# ooBling rhinestone Software



## lmcclain6 (Jun 30, 2011)

I have downloaded the free trial of ooBling and kind of like it, but don't really know if it is worth the $600 price tag. I think, for me to pay that much, they will need to show me a lot more than I've seen thus far. 

I have only been working with it for a short time, so, I ask my mentors to please help me to know, if you use it, whether it is really worth the money or if there is a less expensive software out there that is easy to learn and can do the same things and what that software is.

So far I have invested in Funtime, Silhouette Design and Corel Draw. I really want a software that is easy to use and has a lot of features that really work; along with training videos-done in English-can't understand a word on the Funtime tutorial training disc.
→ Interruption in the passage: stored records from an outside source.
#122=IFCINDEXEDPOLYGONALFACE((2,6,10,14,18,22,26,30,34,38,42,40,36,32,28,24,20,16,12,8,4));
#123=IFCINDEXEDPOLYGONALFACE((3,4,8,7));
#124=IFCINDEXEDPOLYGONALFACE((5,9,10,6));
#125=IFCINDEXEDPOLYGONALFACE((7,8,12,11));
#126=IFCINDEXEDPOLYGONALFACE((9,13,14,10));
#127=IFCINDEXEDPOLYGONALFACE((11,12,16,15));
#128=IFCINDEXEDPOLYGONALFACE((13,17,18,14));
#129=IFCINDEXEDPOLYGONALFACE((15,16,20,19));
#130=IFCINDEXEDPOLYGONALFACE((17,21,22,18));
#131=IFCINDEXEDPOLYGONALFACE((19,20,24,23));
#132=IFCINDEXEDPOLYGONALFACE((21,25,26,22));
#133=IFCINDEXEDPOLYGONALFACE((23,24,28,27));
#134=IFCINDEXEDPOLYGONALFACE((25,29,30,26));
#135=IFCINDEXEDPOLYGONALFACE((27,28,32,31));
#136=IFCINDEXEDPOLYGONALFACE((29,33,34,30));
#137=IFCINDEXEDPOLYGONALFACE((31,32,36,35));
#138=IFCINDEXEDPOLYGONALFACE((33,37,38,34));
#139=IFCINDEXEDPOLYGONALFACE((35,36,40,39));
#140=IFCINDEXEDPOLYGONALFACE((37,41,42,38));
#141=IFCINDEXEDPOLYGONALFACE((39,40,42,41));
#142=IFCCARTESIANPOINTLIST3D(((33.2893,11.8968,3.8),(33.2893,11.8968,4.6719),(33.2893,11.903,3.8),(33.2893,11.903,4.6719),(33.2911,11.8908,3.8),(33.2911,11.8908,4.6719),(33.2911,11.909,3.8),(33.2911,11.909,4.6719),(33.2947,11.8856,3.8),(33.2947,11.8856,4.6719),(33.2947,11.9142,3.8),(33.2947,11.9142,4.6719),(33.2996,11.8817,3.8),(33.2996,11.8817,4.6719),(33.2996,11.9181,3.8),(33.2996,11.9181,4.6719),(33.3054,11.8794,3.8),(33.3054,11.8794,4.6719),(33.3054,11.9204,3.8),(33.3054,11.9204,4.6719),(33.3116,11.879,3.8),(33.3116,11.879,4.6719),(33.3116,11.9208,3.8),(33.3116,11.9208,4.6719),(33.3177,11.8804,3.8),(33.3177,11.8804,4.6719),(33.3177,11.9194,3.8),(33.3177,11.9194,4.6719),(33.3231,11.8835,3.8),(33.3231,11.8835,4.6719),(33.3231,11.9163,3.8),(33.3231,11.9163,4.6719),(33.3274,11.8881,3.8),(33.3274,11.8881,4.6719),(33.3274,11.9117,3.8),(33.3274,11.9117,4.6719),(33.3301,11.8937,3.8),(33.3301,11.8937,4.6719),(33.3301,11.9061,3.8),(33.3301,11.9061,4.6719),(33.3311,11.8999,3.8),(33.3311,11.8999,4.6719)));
Thank you all so much in advance.


----------



## mgtGrafix (Feb 24, 2014)

Check out the rhinestone world and their trw stone wizard. A ton of videos and support. Also cheaper and works with corel

Sent from my SCH-i705 using T-Shirt Forums


----------



## mfatty500 (Jan 18, 2010)

or ACS from Sandy Mc a member on here, service second to none..


----------



## kingwoo (Mar 22, 2013)

mgtGrafix said:


> Check out the rhinestone world and their trw stone wizard. A ton of videos and support. Also cheaper and works with corel
> 
> Sent from my SCH-i705 using T-Shirt Forums


Yes, what we are doing is mainly working on Corel and using TRW wizard as a helper. Not only for the sizing, coloring and auto arranging, and for counting and thus calculate the prices you need to add to the design.


And lmcclain6--
Why not you try them by yourself first and then you'll know which one to go. I have a friend who is using AI to do the design, which is really inconvenient and slow for me. but my friend is ok with it.


----------



## mrtimothy (Mar 5, 2014)

mgtGrafix said:


> Check out the rhinestone world and their trw stone wizard. A ton of videos and support. Also cheaper and works with corel
> 
> Sent from my SCH-i705 using T-Shirt Forums


 TRW Stone Wizard all the way! Best customer service and tons of videos to watch. We use that and love it. Friend has EasyStone that showed us how it works, but from everything we have read and heard, customer service is terrible.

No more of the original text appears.